Are they totally authentic though?
The answer says Rick is in the book’s title – Rick Stein’s Spain. These are his interpretations of the traditional dishes he has been discovering since his first visit to Spain as an eight year old although in those days his parents referred to Spanish food as filthy.
“For instance” he tells me “in one town alone there might be several versions of the same dish – so which one is correct? It’s the one a family has been making for generations, or the one I like best and then interpret in a way people will enjoy and want to cook”.
It’s a book that celebrates Spain’s past but also it’s future as one of the great food cultures of the word.
“Food here is real”, Stein says of Spanish food, “its basic local food without pretence”.
And what of the ‘new’ Spanish cuisine, the molecular gastronomy?
“It doesn’t really push my buttons but at the same time I recognize that it has helped put Spanish food back on the map. And there are some (restaurants) that manage to combine both rather well”.
As we have come to expect with Rick Stein’s books the imagery on the pages is superb – designed to set the scene and champion the people who have shared their recipes and stories with him. Asked how he finds these treasures he is quick to acknowledge the help of many – in particular the Spanish cookery author Maria Jose Sevilla who works for the Spanish Trade Commission in London and ex-pats such as authors Chris Stewart of Driving over Lemons fame and John Barlow who wrote Everything but the Squeal.
We are so lucky here these days that all but a few ingredients are readily available.
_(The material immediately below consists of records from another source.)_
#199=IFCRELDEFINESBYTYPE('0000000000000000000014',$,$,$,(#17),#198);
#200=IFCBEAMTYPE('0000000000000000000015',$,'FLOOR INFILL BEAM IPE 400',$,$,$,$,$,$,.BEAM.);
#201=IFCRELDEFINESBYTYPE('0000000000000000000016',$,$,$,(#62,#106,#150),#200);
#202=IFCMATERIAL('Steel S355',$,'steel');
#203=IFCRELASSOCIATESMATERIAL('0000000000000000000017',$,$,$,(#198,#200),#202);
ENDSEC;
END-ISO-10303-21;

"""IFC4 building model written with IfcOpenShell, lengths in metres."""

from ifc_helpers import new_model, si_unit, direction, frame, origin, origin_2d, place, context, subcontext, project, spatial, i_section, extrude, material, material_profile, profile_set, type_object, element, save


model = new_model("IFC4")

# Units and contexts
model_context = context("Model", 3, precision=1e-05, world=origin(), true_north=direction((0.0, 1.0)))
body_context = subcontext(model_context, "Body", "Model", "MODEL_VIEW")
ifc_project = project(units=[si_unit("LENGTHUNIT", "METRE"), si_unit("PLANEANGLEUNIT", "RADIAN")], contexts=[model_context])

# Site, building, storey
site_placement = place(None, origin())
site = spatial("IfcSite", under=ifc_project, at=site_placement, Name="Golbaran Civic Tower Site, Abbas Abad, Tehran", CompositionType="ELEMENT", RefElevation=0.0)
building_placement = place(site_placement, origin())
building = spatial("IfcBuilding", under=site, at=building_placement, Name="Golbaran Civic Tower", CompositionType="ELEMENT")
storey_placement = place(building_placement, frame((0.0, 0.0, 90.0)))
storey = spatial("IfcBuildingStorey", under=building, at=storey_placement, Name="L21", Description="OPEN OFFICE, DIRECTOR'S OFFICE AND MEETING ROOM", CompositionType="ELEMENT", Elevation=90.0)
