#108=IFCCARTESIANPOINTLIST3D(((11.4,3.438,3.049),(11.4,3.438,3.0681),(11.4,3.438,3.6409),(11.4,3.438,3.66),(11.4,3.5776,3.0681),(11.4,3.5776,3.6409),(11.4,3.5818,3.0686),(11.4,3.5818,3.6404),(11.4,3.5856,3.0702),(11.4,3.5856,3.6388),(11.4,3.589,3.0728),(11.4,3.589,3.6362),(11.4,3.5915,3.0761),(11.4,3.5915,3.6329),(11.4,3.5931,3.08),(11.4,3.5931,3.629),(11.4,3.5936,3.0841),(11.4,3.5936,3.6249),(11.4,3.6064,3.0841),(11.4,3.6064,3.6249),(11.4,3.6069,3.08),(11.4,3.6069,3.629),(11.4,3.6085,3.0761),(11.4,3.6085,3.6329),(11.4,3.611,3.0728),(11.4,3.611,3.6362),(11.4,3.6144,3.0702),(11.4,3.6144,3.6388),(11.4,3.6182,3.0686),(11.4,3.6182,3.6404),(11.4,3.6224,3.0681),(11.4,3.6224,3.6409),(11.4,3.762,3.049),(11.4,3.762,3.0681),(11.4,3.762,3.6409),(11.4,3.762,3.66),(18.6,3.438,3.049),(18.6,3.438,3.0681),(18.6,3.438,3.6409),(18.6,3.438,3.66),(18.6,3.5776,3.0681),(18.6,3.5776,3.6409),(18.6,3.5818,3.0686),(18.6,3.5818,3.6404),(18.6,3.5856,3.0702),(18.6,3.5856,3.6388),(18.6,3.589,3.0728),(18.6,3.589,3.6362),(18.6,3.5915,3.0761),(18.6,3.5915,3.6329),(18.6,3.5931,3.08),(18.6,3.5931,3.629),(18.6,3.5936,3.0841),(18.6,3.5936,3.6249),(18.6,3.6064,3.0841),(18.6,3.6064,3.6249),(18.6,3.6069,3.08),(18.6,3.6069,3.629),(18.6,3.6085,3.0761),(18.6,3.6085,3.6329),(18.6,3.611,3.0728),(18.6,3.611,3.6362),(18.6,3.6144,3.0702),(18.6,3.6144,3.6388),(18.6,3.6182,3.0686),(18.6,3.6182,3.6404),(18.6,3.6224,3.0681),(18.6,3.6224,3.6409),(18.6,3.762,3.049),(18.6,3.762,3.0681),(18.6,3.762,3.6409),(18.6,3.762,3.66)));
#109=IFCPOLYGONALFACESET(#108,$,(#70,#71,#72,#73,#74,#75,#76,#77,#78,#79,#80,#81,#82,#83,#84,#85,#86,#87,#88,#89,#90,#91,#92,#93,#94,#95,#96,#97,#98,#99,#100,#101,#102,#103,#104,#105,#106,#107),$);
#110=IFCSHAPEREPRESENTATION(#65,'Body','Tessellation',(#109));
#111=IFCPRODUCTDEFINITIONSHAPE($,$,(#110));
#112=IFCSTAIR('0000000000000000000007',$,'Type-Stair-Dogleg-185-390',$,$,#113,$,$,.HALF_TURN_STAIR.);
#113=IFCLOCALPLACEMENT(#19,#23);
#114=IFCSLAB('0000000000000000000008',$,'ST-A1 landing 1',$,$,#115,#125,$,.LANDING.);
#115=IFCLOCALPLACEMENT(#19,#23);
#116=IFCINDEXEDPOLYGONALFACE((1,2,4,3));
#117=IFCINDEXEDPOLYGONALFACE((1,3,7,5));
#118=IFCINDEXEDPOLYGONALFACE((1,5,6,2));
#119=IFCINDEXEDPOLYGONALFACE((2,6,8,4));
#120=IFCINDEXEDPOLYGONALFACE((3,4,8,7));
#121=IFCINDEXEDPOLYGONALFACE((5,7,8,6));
There is even a list of NZ stockists of Spanish foods in the back of the book. So get ready to cook and eat some great Spanish dishes this summer. Rick’s book and the TV series has all the inspiration you need.
SALT COD AND POTATO PUREE
AJOARRIERO
Ingredients
300g piece of Bacalao, (salt cod; see page 313), you can substitute for blue cod
500g peeled floury potatoes
3 fat garlic cloves
125ml olive oil
1 hard-boiled egg, roughly chopped, to garnish
Salt
Method
In his excellent book MoVida, Frank Camorra says he doesn’t really think of salt cod as being fish, that it’s been transformed by so much salting and drying into something almost earthy. I think he’s got a point. Certainly it’s been a part of the diet of inland regions of Spain for so long that it’s local. This dish is very like the French brandade, a lovely comforting combination of bacalao, potatoes, garlic and olive oil. The name ajoarriero means ‘muleteer’s garlic’, and it’s because mule drivers could knock this up at the end of a hard day’s travel from the ingredients they would be carrying on their animals. This is delicious thickly spread on freshly toasted bread, or stuffed into piquillo peppers as on page 80. If you have floury potatoes you can use a food processor to make this, provided you add the potatoes at the end and use the pulse button a few times so that it does not go gluey. Otherwise pound everything together using a large mortar and pestle.
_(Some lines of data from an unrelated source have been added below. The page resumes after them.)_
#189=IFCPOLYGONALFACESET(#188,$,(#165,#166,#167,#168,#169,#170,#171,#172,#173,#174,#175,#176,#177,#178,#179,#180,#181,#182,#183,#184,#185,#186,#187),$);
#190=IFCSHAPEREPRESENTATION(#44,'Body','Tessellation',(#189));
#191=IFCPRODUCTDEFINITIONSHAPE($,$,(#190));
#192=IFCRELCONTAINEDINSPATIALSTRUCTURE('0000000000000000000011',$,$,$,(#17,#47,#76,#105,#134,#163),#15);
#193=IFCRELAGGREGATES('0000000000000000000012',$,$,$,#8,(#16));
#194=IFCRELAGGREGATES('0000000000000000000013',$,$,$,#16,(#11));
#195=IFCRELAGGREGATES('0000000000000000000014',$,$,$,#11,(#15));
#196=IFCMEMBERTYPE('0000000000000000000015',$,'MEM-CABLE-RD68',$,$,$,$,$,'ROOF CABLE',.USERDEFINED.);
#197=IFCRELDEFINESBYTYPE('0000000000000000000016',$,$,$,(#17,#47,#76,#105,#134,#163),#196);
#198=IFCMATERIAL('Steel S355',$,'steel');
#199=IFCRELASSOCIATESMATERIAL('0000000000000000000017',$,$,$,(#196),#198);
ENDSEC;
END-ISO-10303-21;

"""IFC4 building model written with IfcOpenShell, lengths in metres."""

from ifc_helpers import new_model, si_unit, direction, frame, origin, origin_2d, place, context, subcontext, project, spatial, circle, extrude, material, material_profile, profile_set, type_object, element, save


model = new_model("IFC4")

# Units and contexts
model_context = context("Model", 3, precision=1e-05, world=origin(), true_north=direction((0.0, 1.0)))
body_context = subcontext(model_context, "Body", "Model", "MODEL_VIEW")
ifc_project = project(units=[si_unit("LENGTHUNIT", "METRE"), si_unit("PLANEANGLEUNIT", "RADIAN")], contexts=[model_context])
Soak the bacalao in 3–4 litres of water in the fridge for 24–48 hours, depending on its thickness. Change the water when it tastes salty, normally at least twice.
Boil the potatoes in just enough unsalted cold water to cover for 10 minutes, then add the salt cod to the pan and simmer gently for another 10 minutes until the potatoes are tender. Drain, saving a little of the cooking liquor.
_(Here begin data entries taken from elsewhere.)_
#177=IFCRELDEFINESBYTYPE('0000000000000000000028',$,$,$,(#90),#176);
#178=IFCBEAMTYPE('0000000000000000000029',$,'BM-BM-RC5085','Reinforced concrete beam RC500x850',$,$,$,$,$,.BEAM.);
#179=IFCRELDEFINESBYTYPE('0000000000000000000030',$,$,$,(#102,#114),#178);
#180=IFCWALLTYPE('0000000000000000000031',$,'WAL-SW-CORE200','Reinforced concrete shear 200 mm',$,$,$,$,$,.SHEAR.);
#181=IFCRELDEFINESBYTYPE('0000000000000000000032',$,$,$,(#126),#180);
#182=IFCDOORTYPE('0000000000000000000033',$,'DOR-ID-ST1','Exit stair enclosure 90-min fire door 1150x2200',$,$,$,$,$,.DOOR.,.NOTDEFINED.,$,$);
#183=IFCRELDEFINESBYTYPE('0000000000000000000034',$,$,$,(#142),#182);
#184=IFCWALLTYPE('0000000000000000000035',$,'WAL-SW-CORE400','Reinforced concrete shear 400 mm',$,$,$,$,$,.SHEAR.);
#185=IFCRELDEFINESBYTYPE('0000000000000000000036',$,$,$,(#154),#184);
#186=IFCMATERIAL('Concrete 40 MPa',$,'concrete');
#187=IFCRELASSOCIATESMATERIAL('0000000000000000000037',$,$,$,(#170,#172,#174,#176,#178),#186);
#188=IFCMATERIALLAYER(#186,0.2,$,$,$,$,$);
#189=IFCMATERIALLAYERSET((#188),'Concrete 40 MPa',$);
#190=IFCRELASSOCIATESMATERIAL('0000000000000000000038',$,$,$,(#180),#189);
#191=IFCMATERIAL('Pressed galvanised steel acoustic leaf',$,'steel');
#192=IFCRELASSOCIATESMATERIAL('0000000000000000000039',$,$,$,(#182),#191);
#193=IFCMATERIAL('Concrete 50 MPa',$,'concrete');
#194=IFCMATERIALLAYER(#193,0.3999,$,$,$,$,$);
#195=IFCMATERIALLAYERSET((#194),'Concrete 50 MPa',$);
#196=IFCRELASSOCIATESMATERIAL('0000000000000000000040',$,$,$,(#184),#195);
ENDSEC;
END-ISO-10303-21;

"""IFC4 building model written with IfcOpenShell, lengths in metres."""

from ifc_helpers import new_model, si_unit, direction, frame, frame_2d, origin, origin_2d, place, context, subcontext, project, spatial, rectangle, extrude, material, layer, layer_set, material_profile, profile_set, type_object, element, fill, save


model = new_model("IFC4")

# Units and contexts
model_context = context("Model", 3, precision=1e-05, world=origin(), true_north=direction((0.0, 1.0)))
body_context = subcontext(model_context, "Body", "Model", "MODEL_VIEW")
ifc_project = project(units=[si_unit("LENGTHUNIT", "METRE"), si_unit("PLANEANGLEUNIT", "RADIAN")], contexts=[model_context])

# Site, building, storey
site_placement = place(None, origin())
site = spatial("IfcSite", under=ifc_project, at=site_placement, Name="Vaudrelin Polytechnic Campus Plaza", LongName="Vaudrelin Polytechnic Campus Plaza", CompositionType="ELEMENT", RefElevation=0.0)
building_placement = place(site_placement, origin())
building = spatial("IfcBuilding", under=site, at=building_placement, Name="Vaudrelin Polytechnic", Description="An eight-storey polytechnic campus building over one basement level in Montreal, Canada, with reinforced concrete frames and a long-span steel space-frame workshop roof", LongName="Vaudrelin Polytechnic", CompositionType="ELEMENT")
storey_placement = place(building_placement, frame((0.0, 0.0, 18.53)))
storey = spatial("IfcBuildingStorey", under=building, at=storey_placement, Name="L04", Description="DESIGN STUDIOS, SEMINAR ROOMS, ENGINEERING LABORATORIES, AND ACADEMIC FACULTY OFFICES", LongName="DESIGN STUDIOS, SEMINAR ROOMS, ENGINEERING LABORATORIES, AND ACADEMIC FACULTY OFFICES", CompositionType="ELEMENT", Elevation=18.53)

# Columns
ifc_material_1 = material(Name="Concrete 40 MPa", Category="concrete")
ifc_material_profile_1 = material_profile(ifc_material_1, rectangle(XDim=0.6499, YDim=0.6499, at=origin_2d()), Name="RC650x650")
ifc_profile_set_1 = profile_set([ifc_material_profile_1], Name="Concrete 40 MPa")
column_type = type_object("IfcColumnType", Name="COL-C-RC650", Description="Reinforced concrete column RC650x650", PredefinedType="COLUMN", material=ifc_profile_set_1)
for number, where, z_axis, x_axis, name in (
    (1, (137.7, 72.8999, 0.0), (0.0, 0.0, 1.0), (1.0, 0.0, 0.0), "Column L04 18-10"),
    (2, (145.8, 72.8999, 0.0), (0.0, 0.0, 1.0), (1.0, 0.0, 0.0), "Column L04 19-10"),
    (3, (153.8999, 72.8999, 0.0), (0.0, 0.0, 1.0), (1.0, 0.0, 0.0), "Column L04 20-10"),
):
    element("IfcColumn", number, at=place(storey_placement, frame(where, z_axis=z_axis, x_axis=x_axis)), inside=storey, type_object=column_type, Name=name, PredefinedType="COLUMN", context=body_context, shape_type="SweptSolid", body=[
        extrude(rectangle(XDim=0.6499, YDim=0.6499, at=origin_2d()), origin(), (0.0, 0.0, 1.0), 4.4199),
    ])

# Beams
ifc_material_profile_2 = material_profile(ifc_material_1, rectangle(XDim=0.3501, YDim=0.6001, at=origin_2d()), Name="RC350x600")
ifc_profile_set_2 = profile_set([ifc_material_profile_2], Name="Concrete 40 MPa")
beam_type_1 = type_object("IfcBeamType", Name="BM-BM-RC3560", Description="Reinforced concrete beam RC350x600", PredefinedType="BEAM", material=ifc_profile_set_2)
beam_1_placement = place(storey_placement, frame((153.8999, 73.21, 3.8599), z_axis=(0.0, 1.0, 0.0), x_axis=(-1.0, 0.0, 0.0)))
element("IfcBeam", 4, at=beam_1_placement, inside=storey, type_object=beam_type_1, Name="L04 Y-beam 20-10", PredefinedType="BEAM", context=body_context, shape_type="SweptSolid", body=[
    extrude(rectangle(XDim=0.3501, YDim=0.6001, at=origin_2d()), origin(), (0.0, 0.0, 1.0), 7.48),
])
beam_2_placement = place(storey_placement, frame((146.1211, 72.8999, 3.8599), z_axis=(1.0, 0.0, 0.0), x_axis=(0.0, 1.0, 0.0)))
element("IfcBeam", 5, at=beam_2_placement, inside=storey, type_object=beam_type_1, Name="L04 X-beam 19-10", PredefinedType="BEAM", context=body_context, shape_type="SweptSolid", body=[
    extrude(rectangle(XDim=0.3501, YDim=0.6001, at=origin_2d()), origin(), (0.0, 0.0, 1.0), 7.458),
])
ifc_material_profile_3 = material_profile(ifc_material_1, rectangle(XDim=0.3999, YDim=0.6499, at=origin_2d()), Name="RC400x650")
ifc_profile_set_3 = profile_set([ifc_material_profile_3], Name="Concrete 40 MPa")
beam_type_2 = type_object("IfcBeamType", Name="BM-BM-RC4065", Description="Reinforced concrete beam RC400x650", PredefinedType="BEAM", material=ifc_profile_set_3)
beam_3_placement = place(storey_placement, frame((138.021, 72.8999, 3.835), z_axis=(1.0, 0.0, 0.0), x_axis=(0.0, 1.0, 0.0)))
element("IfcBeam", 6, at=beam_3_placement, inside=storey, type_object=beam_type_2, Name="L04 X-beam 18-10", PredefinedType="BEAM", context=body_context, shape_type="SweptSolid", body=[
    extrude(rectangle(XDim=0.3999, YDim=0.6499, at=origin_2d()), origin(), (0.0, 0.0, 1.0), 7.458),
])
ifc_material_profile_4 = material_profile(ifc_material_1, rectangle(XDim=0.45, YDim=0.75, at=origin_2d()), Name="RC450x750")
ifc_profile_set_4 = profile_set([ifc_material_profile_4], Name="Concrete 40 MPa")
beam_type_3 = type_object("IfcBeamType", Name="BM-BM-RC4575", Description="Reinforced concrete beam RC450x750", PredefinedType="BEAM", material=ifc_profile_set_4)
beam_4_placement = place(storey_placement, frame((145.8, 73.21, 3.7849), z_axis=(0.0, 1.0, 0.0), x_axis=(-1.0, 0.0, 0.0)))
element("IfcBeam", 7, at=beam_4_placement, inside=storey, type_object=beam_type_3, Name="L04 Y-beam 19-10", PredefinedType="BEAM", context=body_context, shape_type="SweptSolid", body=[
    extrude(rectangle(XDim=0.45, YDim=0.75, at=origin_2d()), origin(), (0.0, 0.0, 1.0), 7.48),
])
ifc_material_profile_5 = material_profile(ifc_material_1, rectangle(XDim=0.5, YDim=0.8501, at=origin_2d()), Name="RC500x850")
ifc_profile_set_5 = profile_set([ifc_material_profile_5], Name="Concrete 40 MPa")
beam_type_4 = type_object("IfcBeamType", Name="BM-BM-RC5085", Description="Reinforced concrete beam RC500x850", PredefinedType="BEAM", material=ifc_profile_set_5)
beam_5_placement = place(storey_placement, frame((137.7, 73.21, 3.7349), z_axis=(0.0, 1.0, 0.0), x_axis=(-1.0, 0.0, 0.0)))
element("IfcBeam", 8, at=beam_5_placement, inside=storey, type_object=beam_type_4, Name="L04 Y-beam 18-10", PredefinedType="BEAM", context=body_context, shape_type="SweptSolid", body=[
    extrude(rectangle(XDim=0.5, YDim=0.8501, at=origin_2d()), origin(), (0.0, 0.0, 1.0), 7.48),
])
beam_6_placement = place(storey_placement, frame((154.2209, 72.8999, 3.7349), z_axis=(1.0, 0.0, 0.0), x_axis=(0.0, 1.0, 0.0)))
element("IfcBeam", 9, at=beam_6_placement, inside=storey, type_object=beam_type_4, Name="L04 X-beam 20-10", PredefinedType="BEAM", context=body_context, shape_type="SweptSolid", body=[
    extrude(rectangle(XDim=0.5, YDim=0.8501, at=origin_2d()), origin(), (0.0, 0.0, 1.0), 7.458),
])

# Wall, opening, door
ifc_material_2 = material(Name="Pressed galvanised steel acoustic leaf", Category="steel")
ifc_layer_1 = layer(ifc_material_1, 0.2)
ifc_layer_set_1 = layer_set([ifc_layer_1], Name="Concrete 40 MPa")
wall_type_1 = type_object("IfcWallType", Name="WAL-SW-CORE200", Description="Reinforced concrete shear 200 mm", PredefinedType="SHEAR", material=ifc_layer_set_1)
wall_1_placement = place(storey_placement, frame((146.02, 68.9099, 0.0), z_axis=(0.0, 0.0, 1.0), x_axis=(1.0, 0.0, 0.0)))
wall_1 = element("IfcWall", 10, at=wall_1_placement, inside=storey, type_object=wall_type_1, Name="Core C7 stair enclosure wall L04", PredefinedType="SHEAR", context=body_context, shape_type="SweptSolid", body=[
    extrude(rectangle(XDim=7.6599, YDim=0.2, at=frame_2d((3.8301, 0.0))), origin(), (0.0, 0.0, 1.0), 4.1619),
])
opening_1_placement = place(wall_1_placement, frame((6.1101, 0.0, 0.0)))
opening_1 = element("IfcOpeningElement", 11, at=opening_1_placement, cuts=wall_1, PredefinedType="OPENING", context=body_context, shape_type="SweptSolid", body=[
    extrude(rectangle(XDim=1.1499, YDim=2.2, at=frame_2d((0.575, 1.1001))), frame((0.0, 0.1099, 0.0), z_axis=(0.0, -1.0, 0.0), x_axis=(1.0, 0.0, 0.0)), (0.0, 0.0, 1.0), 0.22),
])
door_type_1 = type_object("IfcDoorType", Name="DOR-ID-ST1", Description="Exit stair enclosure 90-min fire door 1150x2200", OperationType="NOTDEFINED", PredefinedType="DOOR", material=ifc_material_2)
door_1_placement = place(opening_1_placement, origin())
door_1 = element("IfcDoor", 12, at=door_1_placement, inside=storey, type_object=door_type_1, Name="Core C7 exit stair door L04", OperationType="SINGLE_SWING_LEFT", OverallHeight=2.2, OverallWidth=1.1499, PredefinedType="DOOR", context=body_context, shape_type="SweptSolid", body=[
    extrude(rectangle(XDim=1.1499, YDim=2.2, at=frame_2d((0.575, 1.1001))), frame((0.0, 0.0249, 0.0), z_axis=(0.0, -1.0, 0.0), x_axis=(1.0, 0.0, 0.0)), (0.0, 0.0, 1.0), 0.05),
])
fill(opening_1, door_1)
Crush the garlic on a board with the blade of a large knife, adding a pinch of salt to help mash it. Flake the salt cod, discarding the skin and any bones, and put it and the garlic into a food processor. Add half the olive oil and blend for a few seconds, then add the potato and blend with the rest of the olive oil and about 6 tablespoons of the cooking liquor if you like the purée quite wet. Season with salt (how much will depend on how well soaked the cod is), spoon into a shallow terracotta dish or bowl and scatter over the hard-boiled egg.